3. Number of experts used to establish the ground truth for the test set and the qualifications of those experts

The document does not specify the number of experts used to establish the ground truth or their qualifications for the clinical performance study. It states that "Four investigators used INLIANT to place the dental implants." These investigators are presumably qualified dental professionals, but their specific qualifications (e.g., years of experience, specialization) are not detailed.

4. Adjudication method for the test set

The document does not describe an explicit adjudication method for the test set, such as 2+1 or 3+1 consensus. The ground truth (deviations between planned and placed implant positions) was established by "registering pre-operative and post-operative CBCT scans in a common reference," suggesting an objective measurement process rather than a subjective expert adjudication.

5. If a multi reader multi case (MRMC) comparative effectiveness study was done, If so, what was the effect size of how much human readers improve with AI vs without AI assistance

The study was a clinical performance study of the device (INLIANT), not a multi-reader, multi-case study comparing human readers with and without AI assistance. The study's objective was to confirm the device's accuracy and non-inferiority to the predicate device by measuring implant deviations, rather than assessing human reader performance improvement. The "AI" component here is the navigational system assisting a human operator, not a diagnostic AI analyzing images by itself or providing a read.

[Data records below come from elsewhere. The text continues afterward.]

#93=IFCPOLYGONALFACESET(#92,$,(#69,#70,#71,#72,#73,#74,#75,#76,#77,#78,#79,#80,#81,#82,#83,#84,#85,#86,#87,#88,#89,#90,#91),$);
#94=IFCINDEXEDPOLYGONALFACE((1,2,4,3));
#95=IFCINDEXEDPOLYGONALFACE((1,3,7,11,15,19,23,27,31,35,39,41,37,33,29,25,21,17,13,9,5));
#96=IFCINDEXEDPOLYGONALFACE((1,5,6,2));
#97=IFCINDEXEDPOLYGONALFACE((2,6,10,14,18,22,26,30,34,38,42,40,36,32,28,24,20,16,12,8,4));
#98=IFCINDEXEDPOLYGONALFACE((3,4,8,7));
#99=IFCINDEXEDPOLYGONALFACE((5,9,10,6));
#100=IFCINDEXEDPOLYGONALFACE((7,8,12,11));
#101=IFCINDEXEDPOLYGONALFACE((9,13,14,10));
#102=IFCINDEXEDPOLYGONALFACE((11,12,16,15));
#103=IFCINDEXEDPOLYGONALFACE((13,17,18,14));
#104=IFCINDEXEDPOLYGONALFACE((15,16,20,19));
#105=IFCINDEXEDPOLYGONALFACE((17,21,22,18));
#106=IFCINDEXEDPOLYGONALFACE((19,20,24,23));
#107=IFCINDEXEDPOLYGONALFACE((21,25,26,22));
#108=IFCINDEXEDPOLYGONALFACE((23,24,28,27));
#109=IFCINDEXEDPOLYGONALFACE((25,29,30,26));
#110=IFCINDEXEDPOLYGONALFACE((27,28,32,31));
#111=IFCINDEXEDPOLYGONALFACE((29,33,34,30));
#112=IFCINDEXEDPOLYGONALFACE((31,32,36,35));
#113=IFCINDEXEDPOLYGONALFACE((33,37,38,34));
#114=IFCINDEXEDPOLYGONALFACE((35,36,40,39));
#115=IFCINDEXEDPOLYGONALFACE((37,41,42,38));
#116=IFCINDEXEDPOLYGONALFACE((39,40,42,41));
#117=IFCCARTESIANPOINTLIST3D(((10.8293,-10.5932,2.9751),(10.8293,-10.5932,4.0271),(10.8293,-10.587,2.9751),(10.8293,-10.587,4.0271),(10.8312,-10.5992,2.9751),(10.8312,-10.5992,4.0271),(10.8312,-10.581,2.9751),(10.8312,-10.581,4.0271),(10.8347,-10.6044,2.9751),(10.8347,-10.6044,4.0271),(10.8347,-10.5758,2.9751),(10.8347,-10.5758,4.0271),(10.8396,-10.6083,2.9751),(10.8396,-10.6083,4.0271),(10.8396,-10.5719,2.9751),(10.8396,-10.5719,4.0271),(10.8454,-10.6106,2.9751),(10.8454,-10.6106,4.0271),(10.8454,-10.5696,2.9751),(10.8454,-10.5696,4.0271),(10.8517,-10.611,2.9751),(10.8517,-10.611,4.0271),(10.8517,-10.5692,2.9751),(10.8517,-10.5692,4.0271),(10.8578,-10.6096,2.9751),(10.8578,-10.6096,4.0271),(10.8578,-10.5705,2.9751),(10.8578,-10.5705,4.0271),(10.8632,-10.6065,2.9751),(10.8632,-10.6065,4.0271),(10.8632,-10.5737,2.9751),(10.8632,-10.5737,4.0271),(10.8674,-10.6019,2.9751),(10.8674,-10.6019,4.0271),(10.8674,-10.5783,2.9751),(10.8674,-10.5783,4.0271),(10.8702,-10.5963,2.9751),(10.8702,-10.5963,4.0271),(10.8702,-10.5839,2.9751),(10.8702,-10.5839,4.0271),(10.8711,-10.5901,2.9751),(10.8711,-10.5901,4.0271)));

6. If a standalone (i.e. algorithm only without human-in-the-loop performance) was done

This device is a surgical navigation system, inherently designed for human-in-the-loop use. It provides real-time guidance to a clinician during a procedure. Therefore, a standalone (algorithm only) performance assessment would not be relevant or feasible for this type of device. The accuracy assessment (≤1.0mm drilling accuracy) is a system-level performance metric that includes the device's software and hardware in operation.

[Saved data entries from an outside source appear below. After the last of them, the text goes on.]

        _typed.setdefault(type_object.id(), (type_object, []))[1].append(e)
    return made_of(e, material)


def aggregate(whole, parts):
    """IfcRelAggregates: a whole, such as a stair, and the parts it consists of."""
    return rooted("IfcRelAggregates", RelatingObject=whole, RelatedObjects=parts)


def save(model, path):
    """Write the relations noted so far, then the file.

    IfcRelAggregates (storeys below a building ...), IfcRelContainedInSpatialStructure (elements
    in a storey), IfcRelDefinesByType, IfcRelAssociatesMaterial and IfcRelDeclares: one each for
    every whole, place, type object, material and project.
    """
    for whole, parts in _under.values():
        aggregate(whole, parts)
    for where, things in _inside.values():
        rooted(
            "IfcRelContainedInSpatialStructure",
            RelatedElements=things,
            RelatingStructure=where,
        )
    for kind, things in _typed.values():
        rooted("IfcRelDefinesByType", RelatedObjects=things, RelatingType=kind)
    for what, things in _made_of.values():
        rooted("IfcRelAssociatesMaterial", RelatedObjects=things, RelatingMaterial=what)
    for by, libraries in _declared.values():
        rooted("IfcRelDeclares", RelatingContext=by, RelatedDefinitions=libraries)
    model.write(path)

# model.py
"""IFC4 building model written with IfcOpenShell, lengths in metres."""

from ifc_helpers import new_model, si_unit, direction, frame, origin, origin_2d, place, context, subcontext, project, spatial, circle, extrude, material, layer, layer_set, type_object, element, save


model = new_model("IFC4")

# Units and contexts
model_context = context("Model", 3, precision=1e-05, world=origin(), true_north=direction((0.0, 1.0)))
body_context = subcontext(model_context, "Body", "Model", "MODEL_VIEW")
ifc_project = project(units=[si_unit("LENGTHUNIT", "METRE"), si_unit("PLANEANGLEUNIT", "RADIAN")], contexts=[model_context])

7. The type of ground truth used (expert consensus, pathology, outcomes data, etc.)

The ground truth for the clinical performance study was primarily objective measurements based on imaging data. Specifically, "lateral (coronal and apical) and angular deviations between the pre-planned implant positions and actual implant positions were measured by registering pre-operative and post-operative CBCT scans in a common reference." This method uses the physically placed implant's position as "ground truth" compared to the pre-planned position.

8. The sample size for the training set

The document does not provide a sample size for a "training set." This device is a surgical navigation system, not a machine learning model that typically undergoes a distinct training phase with a labeled dataset in the same way an image classification AI would. It's an engineered system with algorithms for real-time tracking and guidance. Its development would involve engineering design, calibration, and verification, rather than "training" on a large dataset of patient cases to learn to perform a task.

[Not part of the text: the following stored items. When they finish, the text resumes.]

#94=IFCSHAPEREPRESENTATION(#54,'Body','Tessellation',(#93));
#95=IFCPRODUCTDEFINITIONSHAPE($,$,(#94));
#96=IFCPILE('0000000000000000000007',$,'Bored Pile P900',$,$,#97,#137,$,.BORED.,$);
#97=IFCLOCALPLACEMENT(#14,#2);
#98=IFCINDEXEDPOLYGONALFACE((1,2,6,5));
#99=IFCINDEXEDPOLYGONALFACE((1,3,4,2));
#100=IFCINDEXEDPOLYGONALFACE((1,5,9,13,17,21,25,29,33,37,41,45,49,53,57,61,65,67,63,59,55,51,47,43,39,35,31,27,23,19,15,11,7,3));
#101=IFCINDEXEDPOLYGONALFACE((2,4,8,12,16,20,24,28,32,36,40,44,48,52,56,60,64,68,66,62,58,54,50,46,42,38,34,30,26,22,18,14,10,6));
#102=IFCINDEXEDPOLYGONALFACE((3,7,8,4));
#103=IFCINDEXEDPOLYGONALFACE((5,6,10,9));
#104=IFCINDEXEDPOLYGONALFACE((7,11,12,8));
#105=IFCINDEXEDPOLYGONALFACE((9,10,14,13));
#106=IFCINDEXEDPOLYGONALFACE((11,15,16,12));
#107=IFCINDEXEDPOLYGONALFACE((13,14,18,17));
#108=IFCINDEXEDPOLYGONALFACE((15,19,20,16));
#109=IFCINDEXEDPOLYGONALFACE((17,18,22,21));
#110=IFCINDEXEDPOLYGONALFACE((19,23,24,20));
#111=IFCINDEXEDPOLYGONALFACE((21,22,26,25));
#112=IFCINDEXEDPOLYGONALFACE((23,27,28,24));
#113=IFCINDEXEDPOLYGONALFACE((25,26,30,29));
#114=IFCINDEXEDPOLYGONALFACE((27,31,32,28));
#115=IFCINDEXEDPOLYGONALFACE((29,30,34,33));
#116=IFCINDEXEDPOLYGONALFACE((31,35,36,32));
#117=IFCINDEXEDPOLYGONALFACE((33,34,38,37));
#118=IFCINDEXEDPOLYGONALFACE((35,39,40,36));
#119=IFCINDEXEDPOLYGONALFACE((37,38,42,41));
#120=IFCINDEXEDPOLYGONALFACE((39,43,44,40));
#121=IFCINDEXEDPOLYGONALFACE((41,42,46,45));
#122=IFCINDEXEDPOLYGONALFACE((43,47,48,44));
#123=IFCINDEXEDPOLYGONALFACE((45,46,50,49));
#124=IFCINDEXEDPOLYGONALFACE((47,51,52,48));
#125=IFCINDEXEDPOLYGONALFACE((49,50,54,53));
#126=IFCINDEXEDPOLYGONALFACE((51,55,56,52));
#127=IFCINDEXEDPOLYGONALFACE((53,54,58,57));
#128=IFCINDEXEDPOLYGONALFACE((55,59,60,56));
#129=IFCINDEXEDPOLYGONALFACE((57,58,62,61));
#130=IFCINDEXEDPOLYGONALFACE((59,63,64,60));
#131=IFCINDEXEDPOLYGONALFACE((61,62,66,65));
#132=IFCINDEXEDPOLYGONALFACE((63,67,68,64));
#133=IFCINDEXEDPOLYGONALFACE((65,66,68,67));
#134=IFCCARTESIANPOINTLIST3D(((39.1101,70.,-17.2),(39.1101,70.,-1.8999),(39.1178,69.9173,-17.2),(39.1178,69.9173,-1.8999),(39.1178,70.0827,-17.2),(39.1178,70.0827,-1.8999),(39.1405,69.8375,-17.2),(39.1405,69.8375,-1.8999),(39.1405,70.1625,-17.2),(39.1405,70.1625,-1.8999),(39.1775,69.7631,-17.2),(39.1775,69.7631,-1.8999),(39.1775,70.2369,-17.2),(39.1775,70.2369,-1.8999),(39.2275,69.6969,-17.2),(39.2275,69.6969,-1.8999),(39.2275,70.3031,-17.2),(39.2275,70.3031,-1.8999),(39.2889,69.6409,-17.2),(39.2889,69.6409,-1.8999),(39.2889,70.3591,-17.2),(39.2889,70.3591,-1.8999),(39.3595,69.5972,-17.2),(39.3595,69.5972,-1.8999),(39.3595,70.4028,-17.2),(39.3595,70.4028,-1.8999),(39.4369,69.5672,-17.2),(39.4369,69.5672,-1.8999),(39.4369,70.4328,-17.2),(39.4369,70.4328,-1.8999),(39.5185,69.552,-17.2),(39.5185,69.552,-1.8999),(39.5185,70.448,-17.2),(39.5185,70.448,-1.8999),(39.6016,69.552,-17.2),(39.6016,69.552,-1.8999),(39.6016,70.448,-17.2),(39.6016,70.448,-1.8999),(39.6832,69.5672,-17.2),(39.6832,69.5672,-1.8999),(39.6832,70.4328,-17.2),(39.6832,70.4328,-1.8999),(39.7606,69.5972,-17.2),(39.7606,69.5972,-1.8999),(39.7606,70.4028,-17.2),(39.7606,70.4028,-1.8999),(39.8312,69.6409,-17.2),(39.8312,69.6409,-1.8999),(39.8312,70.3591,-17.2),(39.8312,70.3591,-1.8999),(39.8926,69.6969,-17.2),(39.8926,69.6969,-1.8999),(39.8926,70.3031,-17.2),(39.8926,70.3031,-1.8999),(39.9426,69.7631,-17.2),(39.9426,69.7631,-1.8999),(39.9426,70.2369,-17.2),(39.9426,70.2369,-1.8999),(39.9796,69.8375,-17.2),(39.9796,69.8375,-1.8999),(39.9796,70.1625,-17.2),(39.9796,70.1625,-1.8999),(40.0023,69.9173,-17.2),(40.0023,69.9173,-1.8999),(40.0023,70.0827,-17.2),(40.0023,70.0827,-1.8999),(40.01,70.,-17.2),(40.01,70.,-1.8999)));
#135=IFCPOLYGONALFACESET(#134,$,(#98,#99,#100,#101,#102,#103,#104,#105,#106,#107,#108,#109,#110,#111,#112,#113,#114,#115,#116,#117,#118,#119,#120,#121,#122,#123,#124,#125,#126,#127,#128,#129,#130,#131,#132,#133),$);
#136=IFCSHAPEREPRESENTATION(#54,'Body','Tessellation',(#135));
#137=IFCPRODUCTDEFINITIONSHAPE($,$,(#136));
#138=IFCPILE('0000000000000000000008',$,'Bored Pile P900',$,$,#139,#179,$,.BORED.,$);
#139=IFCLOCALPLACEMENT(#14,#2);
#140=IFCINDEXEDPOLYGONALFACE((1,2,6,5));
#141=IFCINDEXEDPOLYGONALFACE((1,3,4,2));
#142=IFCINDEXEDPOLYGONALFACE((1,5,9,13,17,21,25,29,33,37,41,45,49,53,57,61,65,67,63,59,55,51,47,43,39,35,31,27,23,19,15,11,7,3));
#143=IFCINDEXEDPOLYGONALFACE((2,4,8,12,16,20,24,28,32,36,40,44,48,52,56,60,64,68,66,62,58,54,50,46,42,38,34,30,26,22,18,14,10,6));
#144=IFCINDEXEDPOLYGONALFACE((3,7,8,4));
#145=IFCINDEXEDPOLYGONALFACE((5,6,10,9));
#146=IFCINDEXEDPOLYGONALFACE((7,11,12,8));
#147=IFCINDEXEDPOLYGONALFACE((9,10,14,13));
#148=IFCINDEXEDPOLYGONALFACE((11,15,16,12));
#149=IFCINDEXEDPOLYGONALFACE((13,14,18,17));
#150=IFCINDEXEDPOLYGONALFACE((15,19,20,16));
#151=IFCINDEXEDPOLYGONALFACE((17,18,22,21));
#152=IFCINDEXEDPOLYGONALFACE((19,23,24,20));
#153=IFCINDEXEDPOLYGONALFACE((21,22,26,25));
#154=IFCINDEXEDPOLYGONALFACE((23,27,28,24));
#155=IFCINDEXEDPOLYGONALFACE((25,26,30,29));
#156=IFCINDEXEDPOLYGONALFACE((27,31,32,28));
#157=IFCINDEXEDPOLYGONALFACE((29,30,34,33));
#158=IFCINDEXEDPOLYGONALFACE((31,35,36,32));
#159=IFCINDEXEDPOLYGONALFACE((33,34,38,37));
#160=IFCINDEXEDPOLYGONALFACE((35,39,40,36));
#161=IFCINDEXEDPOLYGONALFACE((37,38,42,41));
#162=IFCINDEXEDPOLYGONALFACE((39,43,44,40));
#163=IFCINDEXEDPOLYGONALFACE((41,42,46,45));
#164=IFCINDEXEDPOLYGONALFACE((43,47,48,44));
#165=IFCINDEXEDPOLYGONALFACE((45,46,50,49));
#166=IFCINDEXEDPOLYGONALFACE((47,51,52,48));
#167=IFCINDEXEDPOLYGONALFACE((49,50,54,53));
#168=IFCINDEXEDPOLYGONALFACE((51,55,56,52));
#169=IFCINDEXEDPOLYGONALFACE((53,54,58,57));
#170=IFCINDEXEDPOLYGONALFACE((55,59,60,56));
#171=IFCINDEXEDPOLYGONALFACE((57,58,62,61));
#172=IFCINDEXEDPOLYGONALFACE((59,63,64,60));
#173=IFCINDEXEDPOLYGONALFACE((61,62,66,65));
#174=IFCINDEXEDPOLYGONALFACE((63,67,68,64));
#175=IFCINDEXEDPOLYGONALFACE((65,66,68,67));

9. How the ground truth for the training set was established

As there is no "training set" in the context of a machine learning model, the concept of establishing ground truth for it does not apply in this document. The device's performance is validated through non-clinical bench testing (e.g., performance testing to evaluate tolerance analysis, latency, positional and tracking accuracy per ASTM F2554) and the clinical study described. The ground truth for these non-clinical tests would involve highly controlled experimental setups with known reference points and precise measurement instruments.